Under the term “ sense," I comprise whatever is passive in our being, without any reference to the question of materialism or immaterialism; all that man is in common with animals, in kind at least-his sensations, and impressions, whether of his outward senses, or the inner sense of imagination. This, in the language of the schools, was called the vis receptiva, or recipient property of the soul, from the original constitution of which we perceive and imagine all things under the forms of space and time. By the "understanding,” I mean the faculty of thinking and forming judgments on the notices furnished by the sense, according to certain rules existing in itself, which rules constitute its distinct nature.
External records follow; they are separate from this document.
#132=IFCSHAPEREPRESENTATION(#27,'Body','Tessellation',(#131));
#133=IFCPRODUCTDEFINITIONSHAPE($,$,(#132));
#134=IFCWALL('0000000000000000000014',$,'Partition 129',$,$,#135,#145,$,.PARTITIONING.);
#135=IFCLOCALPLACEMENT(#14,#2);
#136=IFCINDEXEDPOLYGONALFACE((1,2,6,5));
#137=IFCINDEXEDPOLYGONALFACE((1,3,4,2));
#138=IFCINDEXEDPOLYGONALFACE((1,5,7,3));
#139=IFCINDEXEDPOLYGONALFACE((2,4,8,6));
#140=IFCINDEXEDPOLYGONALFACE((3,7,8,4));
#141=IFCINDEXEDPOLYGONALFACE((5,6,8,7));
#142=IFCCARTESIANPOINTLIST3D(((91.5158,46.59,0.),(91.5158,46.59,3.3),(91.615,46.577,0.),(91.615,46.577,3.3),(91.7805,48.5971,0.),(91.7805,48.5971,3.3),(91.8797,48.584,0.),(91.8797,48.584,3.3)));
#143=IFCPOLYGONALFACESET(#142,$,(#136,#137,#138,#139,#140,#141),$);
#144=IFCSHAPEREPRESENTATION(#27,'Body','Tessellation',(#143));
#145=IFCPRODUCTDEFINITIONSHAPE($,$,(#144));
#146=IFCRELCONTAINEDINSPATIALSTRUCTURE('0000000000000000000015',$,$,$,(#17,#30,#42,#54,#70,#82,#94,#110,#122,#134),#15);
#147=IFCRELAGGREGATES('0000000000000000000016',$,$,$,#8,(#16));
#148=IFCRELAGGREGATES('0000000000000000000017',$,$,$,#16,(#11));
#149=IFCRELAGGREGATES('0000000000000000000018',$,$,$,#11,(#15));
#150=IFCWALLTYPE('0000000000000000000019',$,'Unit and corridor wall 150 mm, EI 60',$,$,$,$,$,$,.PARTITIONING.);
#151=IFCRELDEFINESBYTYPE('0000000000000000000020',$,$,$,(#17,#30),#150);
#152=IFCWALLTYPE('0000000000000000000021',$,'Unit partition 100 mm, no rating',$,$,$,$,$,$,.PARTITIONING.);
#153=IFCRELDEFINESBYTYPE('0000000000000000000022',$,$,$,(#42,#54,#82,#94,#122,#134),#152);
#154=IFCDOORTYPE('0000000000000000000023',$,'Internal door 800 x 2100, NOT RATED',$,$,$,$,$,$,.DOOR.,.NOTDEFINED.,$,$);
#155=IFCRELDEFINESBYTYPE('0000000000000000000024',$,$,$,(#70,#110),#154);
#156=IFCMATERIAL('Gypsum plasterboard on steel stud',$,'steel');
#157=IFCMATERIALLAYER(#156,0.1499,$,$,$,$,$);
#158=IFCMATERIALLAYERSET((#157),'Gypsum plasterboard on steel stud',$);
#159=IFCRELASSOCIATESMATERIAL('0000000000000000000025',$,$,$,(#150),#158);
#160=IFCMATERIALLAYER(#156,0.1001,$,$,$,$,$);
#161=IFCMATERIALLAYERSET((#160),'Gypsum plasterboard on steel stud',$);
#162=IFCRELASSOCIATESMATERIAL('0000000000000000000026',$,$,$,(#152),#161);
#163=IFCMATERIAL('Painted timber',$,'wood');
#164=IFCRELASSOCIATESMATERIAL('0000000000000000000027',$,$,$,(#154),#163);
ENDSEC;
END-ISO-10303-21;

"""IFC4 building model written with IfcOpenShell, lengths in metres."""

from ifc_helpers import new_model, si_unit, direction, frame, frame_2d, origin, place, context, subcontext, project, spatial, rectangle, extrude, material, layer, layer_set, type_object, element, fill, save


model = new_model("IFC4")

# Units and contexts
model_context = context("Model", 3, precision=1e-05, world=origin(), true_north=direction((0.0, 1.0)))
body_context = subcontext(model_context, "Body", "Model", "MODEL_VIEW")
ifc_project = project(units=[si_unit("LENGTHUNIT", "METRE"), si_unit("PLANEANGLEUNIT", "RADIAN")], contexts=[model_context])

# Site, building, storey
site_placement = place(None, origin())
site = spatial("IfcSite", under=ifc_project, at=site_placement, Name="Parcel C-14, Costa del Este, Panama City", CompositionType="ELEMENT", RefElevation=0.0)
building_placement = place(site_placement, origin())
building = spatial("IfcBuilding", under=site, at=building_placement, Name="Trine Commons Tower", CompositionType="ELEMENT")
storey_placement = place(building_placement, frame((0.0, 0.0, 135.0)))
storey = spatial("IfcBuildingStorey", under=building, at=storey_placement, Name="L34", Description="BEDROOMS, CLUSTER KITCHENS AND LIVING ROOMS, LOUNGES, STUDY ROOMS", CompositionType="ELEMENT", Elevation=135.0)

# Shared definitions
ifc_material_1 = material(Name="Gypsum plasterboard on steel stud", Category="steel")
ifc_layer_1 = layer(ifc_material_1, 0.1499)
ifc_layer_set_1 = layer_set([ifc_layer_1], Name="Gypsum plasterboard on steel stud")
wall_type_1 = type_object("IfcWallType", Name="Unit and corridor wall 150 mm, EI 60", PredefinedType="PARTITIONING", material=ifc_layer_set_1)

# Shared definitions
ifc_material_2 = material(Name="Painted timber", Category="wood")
By the pure "reason," I mean the power by which we become possessed of principles,—the eternal verities of Plato and Descartes, and of ideas, not images-as the ideas of a point, a line, a circle, in mathematics;* and of justice, holiness, free-will, and the like, in morals. Hence in works of pure science the definitions of necessity precede the reasoning, in other works they more aptly form the conclusion.

To many of my readers it will, I trust, be some recommendation of these distinctions, that they are more than once expressed, and everywhere supposed, in the writings of St. Paul. I have no hesitation in undertaking to prove, that every heresy which has disquieted the Christian Church, from Tritheism to Socinianism, has originated in and supported itself by arguments rendered plausible only by the confusion of these faculties, and thus demanding for the objects of one, a sort of evidence appropriated to those of another faculty.—These disquisitions have the misfortune of being in illreport, as dry and unsatisfactory; but I hope, in the course of the work, to gain them a better character-and if elucidations of their practical impor

* In the severity of logic, the geometrical point, line, surface, circle, and so forth, are theorems, not ideas.